This amp is my only amp at the time being, running balanced in with my SMSL-SU8, and balanced out.


----------



## cirodts

I am very happy with the sundara which is planar, better than the topping a90.


----------



## Arum16 (May 27, 2021)

ranchowner said:


> Currently have Russian 6NP3-DR tubes on the way together with GE JAN 5670, but can't say that I'm not satisfied with stock tubes.
> 
> 
> This amp is my only amp at the time being, running balanced in with my SMSL-SU8, and balanced out.
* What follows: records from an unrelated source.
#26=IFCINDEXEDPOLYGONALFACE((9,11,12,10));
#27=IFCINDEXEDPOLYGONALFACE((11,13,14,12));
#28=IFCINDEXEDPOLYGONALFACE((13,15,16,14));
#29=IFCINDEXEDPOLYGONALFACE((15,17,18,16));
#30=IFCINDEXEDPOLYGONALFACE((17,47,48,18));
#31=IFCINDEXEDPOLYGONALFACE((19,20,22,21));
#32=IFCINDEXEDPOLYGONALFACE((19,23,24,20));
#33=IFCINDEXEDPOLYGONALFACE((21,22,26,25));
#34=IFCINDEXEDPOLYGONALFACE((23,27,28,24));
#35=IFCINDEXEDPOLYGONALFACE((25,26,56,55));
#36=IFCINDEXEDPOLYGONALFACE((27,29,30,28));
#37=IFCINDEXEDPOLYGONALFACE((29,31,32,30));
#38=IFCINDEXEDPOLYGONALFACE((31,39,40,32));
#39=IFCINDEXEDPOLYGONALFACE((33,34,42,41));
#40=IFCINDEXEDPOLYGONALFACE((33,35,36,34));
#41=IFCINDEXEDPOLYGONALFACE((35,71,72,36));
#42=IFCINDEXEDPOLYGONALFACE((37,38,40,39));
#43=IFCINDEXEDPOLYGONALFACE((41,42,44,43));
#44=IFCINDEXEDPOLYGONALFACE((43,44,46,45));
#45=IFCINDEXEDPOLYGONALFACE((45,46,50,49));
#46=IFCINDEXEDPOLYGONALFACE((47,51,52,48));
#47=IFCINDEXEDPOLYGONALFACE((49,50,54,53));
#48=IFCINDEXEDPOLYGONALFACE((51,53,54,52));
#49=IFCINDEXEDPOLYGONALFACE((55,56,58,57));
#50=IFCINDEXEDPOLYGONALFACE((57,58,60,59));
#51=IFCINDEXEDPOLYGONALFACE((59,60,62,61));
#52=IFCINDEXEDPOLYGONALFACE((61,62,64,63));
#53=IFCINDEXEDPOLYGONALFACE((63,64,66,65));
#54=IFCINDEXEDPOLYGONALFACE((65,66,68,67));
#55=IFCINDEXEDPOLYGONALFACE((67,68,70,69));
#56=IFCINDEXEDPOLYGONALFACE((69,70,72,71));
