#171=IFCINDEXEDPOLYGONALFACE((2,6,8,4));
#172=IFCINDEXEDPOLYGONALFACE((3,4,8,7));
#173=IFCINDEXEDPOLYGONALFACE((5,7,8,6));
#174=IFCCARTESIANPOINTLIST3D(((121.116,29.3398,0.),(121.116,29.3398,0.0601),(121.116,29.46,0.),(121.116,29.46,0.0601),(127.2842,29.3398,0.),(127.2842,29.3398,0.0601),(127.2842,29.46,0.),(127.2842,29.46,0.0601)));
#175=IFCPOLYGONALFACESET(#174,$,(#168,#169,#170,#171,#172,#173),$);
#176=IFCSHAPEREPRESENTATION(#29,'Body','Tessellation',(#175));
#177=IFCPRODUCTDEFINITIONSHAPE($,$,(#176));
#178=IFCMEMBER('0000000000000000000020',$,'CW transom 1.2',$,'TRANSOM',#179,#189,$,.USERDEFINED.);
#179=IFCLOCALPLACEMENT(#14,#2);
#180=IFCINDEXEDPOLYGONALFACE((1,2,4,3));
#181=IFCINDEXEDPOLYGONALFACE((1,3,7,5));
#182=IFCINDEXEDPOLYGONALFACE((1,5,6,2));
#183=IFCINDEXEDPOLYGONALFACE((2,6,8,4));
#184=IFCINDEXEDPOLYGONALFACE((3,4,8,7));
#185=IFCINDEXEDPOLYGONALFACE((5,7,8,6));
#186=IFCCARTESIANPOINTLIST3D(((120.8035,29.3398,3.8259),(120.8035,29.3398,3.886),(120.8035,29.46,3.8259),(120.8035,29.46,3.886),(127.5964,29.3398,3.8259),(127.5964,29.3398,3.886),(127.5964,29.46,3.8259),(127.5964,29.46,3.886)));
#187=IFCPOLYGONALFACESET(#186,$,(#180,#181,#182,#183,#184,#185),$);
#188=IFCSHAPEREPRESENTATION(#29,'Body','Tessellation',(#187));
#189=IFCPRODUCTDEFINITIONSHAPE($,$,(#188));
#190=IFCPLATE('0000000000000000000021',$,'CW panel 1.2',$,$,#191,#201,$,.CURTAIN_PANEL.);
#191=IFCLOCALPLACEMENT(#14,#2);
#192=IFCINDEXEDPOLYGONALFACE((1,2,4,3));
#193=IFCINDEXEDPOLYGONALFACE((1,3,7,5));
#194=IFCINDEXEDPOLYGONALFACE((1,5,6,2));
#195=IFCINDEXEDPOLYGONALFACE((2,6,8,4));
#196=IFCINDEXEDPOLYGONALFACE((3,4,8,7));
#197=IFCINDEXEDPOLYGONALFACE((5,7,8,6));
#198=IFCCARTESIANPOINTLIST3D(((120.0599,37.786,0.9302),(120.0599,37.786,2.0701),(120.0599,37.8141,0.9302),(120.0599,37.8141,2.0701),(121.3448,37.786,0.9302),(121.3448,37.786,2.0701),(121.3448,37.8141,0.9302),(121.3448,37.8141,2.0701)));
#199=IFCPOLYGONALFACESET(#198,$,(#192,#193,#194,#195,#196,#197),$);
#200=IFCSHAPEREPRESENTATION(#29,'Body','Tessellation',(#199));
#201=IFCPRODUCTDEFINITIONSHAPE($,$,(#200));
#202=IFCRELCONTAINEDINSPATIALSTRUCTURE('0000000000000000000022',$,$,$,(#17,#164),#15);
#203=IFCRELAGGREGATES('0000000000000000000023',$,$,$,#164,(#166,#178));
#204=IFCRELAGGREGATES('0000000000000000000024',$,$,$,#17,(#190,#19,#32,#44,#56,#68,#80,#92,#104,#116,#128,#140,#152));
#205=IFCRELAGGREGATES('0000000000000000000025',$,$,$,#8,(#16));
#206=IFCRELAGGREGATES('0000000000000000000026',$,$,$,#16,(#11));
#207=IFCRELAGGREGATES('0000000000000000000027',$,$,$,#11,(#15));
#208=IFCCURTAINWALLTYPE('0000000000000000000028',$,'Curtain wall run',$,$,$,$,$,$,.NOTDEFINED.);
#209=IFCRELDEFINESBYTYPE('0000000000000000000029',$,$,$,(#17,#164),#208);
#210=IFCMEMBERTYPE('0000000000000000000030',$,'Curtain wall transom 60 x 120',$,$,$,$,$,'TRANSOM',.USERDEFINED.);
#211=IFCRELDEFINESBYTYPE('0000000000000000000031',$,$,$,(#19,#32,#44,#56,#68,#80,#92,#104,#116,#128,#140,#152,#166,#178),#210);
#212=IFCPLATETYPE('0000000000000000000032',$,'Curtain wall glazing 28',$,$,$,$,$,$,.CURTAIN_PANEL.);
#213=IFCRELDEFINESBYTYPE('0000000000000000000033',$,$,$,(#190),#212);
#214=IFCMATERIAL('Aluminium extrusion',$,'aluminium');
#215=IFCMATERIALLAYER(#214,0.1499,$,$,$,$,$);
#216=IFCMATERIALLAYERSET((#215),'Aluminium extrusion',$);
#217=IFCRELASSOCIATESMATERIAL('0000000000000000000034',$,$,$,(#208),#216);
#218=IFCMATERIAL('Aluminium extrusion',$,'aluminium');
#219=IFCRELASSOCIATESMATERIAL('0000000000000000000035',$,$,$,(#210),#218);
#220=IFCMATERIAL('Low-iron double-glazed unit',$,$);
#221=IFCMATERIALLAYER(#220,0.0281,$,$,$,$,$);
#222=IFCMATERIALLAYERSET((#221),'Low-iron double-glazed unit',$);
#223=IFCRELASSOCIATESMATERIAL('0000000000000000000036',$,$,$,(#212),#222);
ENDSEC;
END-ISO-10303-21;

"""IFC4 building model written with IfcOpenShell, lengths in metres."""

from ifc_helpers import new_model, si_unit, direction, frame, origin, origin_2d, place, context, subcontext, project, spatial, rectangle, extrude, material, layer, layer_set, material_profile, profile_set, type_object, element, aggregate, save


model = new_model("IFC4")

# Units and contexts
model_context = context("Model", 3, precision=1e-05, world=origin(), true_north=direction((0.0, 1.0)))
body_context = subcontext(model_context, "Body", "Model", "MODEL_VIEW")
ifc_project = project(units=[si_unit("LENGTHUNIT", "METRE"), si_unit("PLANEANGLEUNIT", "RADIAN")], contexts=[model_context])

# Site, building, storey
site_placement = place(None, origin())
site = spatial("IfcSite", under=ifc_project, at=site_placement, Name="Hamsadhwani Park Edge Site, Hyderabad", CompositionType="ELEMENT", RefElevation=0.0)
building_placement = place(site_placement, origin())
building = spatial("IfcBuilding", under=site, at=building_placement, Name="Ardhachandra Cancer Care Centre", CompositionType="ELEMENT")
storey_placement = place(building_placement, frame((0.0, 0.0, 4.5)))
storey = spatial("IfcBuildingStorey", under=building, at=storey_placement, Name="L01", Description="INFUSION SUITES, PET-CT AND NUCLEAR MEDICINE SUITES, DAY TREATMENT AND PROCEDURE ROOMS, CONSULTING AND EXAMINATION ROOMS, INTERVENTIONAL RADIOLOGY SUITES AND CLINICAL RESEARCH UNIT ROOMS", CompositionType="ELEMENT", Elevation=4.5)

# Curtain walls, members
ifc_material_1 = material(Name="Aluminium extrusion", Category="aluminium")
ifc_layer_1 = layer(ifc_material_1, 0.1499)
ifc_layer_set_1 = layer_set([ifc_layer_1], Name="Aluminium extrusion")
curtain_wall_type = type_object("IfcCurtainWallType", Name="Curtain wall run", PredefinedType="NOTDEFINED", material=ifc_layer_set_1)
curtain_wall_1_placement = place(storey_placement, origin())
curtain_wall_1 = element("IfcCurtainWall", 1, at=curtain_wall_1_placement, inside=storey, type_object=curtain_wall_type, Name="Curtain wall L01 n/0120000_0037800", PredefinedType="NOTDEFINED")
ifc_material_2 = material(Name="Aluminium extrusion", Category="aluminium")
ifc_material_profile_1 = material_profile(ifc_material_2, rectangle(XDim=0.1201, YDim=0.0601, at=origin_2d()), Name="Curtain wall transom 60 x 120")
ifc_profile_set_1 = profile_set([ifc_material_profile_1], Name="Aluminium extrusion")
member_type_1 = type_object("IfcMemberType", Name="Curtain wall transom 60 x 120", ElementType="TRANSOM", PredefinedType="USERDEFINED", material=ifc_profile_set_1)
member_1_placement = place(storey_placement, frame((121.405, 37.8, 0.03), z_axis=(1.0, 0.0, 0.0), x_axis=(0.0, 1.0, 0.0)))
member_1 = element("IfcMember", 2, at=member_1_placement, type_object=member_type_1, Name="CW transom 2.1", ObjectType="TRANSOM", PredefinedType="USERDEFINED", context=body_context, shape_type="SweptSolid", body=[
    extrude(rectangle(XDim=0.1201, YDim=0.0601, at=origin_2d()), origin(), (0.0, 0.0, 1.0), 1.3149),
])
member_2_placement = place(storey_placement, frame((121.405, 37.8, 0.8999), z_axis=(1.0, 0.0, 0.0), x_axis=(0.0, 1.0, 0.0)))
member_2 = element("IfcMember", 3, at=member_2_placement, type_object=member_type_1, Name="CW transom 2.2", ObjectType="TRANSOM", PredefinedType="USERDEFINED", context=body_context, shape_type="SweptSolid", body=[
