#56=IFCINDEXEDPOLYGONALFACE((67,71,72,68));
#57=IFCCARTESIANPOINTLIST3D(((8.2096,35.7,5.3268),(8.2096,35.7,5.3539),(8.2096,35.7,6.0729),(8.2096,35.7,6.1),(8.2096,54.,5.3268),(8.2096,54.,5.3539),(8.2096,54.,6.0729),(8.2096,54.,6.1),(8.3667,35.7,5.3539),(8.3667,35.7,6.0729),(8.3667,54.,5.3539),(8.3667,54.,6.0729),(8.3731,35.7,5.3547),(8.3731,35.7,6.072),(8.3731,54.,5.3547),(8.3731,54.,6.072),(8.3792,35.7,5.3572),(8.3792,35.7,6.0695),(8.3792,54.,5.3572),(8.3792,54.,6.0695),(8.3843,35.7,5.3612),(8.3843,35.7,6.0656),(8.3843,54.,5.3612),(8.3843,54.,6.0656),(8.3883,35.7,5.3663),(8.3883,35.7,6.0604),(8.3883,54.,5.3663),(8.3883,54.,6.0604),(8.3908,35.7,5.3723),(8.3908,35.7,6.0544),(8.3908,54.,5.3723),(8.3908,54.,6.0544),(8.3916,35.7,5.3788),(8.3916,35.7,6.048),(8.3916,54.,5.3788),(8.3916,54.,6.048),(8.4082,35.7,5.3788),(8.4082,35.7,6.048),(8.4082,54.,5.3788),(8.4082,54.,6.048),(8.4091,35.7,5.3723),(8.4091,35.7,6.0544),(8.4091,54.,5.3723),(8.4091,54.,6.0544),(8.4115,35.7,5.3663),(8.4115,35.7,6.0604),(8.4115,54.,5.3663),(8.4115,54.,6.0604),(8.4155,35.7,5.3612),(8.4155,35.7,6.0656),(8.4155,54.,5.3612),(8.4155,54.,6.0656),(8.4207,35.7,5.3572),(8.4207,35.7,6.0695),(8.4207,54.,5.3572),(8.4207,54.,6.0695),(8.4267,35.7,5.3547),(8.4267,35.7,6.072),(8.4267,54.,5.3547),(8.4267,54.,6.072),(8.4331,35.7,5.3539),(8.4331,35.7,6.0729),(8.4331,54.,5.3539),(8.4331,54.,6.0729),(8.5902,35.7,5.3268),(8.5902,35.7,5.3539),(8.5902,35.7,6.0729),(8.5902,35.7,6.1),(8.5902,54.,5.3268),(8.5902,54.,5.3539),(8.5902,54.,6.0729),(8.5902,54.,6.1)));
My setup also, SMSL-SU8--->Loxjie P20 (6NP3-DR). I'm using HD 6xx. Fully balanced.
Can't say but good things about these.
If you go with the LCD 2C, please let us now your take on it.
Thanks


----------



## cirodts

i use topping e30 in rca al loxjie and xlr to amiron and sundara headphones, they sound great


----------



## ranchowner

Arum16 said:


> My setup also, SMSL-SU8--->Loxjie P20 (6NP3-DR). I'm using HD 6xx. Fully balanced.
> Can't say but good things about these.
> If you go with the LCD 2C, please let us now your take on it.
> Thanks



My setup exact - minus the tubes ( which are on the way in the mail, currently on stock )
How big of an upgrade did you find the 6NP3-DR tubes to be compared to stock, marginal / big improvement? 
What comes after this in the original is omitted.